Aleksander Kucel (Department of Applied Economics, Escola Superior de Ciències Socials i de l'Empresa TecnoCampus, Universitat Pompeu Fabra, Mataró, Spain)
Montserrat Vilalta-Bufi (Department of Economics and CREB, Universitat de Barcelona, Barcelona, Spain)

International Journal of Manpower

ISSN: 0143-7720

Article publication date: 6 June 2016

1118

Abstract

Purpose

Promotion of entrepreneurial skills is often considered as an adequate policy to enhance job creation and economic growth. However, neither the definition of entrepreneurial skills, nor the costs and benefits of such a policy are clear. The purpose of this paper is to check whether the benefits of entrepreneurial skills extent beyond self-employment. The authors denote entrepreneurial skills as those competencies that enhance the likelihood of self-employment.
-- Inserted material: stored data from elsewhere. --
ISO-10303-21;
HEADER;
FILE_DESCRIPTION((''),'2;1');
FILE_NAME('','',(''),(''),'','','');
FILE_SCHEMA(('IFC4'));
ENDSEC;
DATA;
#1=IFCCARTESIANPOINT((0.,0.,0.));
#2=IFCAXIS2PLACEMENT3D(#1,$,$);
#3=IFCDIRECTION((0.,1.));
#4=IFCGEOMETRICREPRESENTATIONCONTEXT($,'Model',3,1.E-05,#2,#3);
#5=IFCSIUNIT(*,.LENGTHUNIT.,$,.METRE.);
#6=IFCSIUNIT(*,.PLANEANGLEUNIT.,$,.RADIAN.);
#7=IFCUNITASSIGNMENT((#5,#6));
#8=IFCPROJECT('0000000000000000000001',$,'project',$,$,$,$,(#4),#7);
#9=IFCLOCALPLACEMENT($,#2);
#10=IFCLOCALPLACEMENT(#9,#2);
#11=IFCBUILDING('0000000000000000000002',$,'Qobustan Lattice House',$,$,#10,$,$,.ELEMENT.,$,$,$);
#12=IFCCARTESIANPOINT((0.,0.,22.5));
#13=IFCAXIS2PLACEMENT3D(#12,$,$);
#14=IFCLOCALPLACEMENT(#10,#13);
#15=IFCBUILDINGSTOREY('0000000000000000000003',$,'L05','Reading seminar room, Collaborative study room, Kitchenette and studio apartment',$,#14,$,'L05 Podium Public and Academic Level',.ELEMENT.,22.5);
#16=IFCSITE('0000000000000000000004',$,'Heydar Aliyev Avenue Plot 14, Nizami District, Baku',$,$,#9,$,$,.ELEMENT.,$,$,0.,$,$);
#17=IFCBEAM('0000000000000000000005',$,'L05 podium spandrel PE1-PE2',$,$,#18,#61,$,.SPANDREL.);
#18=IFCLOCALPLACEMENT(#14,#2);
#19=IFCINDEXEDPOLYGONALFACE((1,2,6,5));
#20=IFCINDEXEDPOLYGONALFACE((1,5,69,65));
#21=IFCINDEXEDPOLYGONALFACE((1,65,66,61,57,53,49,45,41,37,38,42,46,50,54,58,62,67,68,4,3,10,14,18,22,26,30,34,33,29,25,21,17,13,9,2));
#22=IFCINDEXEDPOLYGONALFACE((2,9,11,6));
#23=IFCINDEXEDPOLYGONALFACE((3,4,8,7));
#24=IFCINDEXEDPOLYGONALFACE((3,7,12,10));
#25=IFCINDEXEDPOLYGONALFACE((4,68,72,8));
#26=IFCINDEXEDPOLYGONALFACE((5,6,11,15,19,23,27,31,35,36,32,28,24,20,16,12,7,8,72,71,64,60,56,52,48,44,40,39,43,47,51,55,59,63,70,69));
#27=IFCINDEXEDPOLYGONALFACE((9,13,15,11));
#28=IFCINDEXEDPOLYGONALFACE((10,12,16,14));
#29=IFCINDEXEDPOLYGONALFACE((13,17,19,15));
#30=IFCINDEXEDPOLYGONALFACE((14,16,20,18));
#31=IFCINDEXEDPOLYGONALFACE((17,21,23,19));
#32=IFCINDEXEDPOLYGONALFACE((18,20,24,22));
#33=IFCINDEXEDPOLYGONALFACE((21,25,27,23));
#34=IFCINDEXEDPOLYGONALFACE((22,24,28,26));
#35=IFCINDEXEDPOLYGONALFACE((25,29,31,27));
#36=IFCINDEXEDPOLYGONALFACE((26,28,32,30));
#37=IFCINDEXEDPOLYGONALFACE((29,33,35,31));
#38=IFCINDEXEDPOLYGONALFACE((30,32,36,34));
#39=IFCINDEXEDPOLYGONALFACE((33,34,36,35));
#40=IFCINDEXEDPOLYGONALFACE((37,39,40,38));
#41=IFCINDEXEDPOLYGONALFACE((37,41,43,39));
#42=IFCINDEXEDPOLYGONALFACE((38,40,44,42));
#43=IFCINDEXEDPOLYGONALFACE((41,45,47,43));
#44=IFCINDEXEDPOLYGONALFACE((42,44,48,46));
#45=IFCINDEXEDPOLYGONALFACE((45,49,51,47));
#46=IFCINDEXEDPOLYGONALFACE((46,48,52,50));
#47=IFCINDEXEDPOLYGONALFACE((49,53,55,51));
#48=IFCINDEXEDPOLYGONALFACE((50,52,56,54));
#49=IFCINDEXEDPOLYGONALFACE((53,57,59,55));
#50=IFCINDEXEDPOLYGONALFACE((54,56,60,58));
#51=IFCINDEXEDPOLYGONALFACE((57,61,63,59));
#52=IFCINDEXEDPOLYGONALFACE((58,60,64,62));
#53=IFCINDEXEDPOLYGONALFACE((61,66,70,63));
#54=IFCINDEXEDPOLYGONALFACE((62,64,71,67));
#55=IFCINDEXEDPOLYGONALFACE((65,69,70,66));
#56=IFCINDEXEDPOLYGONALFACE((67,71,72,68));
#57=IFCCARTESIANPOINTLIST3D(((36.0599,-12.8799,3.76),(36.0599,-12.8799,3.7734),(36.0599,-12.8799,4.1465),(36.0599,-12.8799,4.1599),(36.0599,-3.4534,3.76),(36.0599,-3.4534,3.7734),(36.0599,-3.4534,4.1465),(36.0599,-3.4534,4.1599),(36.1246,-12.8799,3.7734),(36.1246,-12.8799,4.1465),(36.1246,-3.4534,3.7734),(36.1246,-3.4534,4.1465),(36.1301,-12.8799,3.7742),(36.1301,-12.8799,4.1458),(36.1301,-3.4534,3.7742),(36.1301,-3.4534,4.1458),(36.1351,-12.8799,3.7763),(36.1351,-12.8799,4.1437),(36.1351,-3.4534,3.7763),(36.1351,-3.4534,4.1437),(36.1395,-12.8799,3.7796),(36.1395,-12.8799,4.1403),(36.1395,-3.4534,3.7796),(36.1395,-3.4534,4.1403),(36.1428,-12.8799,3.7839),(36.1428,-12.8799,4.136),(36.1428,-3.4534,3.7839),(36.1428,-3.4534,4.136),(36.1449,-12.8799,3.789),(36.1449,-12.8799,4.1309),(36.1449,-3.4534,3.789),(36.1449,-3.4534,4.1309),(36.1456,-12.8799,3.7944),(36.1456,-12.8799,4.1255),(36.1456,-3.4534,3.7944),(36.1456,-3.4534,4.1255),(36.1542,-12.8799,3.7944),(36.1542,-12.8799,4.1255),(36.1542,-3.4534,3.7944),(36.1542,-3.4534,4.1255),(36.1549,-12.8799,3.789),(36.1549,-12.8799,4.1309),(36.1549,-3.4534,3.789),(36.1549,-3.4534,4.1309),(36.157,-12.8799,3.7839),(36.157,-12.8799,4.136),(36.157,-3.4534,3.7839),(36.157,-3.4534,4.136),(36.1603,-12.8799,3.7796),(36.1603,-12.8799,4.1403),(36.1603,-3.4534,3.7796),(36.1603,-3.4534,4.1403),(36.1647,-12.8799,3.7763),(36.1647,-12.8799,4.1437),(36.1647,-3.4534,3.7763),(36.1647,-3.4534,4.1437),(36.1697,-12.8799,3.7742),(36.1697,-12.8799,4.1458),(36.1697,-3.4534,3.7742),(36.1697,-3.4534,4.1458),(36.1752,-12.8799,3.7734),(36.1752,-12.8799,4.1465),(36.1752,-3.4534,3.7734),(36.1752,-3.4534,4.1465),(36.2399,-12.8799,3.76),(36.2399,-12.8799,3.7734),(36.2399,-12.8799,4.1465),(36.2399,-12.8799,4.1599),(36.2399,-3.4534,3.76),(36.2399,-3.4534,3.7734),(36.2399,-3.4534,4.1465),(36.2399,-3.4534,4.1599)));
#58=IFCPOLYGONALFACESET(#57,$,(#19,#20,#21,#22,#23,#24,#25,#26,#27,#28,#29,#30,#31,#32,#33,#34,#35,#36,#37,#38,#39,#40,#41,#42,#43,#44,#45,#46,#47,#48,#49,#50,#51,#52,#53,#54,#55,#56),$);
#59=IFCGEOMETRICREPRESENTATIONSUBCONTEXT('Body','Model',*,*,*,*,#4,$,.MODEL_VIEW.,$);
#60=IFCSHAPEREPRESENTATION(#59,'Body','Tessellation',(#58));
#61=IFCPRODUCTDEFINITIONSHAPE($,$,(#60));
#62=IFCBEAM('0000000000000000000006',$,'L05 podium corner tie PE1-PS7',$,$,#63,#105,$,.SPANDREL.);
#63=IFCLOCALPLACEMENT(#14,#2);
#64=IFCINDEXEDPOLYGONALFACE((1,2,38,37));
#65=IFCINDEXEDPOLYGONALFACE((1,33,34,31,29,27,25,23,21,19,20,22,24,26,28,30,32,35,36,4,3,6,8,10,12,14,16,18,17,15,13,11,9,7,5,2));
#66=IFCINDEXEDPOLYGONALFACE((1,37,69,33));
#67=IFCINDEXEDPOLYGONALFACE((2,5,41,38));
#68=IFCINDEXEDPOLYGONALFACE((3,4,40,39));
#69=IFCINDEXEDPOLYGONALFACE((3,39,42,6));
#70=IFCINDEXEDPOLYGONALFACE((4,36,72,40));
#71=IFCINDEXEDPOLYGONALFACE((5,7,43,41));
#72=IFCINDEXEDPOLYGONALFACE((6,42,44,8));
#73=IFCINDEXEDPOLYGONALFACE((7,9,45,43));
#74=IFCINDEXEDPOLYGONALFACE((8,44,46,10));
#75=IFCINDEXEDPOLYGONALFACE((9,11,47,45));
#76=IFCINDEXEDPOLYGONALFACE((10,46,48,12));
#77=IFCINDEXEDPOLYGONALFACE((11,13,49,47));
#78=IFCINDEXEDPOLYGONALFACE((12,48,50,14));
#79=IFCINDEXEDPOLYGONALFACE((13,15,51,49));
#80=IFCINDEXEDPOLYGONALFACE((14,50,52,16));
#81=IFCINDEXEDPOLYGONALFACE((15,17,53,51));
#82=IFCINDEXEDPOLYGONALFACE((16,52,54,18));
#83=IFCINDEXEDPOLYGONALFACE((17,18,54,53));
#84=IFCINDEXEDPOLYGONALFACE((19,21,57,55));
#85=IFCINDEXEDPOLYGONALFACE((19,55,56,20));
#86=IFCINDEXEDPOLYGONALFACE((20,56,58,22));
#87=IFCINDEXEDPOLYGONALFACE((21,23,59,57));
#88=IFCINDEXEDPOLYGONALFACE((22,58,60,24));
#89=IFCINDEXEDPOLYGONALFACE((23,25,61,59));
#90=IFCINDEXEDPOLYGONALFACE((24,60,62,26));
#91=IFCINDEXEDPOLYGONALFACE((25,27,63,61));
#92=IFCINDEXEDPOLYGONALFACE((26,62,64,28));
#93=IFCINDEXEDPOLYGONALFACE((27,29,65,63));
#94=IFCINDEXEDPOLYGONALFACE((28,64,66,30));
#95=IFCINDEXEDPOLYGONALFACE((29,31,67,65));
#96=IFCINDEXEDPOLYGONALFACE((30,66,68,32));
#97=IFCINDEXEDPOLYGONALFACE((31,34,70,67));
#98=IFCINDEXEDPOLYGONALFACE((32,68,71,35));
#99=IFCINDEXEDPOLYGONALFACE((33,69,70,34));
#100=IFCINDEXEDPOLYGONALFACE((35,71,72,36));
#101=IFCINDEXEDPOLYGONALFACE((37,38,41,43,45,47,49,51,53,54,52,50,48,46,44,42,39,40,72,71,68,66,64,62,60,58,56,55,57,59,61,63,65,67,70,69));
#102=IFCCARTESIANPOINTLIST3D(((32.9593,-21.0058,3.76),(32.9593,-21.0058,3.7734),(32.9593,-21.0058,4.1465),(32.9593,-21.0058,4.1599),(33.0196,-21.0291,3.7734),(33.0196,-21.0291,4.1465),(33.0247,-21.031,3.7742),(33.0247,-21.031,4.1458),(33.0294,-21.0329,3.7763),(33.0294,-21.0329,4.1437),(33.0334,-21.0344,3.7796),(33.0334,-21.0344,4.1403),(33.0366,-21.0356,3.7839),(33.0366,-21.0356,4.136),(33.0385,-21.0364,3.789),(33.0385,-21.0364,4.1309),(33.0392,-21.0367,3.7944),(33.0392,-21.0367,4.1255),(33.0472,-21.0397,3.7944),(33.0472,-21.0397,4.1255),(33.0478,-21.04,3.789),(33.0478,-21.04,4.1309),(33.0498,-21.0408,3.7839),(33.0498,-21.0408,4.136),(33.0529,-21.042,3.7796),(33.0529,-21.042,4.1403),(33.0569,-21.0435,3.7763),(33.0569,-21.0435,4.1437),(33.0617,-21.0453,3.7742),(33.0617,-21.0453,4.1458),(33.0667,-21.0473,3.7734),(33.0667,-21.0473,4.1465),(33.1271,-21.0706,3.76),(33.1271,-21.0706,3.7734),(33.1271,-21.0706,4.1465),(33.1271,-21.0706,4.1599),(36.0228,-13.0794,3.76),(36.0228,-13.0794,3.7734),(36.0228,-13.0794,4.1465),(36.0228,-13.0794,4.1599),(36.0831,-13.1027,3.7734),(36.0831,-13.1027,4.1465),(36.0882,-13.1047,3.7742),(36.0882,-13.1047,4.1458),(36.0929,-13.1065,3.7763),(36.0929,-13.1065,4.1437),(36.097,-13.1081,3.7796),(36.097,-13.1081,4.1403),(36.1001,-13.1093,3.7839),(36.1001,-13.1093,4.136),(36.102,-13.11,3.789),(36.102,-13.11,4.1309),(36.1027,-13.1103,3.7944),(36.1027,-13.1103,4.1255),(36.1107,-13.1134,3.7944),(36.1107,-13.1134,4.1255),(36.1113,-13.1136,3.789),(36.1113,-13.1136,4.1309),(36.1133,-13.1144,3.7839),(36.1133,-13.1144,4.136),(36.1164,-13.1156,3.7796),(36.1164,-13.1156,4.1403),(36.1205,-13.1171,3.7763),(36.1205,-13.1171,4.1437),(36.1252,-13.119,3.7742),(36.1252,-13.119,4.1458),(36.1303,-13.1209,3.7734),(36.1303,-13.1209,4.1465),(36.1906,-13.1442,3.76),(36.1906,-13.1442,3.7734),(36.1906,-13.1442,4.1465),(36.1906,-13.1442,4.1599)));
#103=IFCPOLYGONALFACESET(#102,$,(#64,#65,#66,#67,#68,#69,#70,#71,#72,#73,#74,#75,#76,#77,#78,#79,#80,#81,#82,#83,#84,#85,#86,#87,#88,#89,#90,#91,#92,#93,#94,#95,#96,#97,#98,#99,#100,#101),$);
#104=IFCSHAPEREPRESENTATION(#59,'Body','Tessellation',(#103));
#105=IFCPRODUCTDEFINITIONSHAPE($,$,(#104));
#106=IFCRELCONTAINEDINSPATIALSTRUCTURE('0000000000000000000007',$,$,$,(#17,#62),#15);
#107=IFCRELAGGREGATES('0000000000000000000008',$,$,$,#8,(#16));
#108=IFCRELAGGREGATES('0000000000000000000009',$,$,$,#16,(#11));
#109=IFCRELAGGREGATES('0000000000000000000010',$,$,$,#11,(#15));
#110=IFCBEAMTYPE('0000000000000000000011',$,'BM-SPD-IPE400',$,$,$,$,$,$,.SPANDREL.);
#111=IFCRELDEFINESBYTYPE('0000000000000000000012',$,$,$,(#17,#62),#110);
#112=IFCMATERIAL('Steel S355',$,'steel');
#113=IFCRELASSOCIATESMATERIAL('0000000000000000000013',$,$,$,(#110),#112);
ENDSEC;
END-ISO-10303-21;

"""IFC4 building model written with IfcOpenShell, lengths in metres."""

from ifc_helpers import new_model, si_unit, direction, frame, origin, origin_2d, place, context, subcontext, project, spatial, i_section, extrude, material, material_profile, profile_set, type_object, element, save


model = new_model("IFC4")

# Units and contexts
model_context = context("Model", 3, precision=1e-05, world=origin(), true_north=direction((0.0, 1.0)))
body_context = subcontext(model_context, "Body", "Model", "MODEL_VIEW")
ifc_project = project(units=[si_unit("LENGTHUNIT", "METRE"), si_unit("PLANEANGLEUNIT", "RADIAN")], contexts=[model_context])

# Site, building, storey
site_placement = place(None, origin())
site = spatial("IfcSite", under=ifc_project, at=site_placement, Name="Heydar Aliyev Avenue Plot 14, Nizami District, Baku", CompositionType="ELEMENT", RefElevation=0.0)
building_placement = place(site_placement, origin())
building = spatial("IfcBuilding", under=site, at=building_placement, Name="Qobustan Lattice House", CompositionType="ELEMENT")
storey_placement = place(building_placement, frame((0.0, 0.0, 22.5)))
storey = spatial("IfcBuildingStorey", under=building, at=storey_placement, Name="L05", Description="Reading seminar room, Collaborative study room, Kitchenette and studio apartment", LongName="L05 Podium Public and Academic Level", CompositionType="ELEMENT", Elevation=22.5)

# Beams
ifc_material_1 = material(Name="Steel S355", Category="steel")
ifc_material_profile_1 = material_profile(ifc_material_1, i_section(OverallWidth=0.1799, OverallDepth=0.3999, WebThickness=0.0085, FlangeThickness=0.0134, FilletRadius=0.021, at=origin_2d()), Name="IPE400")
ifc_profile_set_1 = profile_set([ifc_material_profile_1], Name="Steel S355")
beam_type_1 = type_object("IfcBeamType", Name="BM-SPD-IPE400", PredefinedType="SPANDREL", material=ifc_profile_set_1)
beam_1_placement = place(storey_placement, frame((36.1499, -12.8799, 3.96), z_axis=(0.0, 1.0, 0.0), x_axis=(-1.0, 0.0, 0.0)))
element("IfcBeam", 1, at=beam_1_placement, inside=storey, type_object=beam_type_1, Name="L05 podium spandrel PE1-PE2", PredefinedType="SPANDREL", context=body_context, shape_type="SweptSolid", body=[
Then the authors analyze whether they are rewarded in wage employment.

Design/methodology/approach

The authors estimate a Heckman selection model with wages in a salaried job as the main dependent variable and working in wage employment vs self-employment as the selection equation. The authors use a sample of higher education graduates from Spain, from the year 2000 interviewed in 2005 within the REFLEX survey.

Findings

Results reveal that alertness to new opportunities, ability to mobilize others and knowledge of other fields are the competencies that enhance self-employment in Spain. Yet, these skills are not rewarded in a salaried job. Therefore, benefits of policies fostering entrepreneurial skills do not extend to wage employment in Spain.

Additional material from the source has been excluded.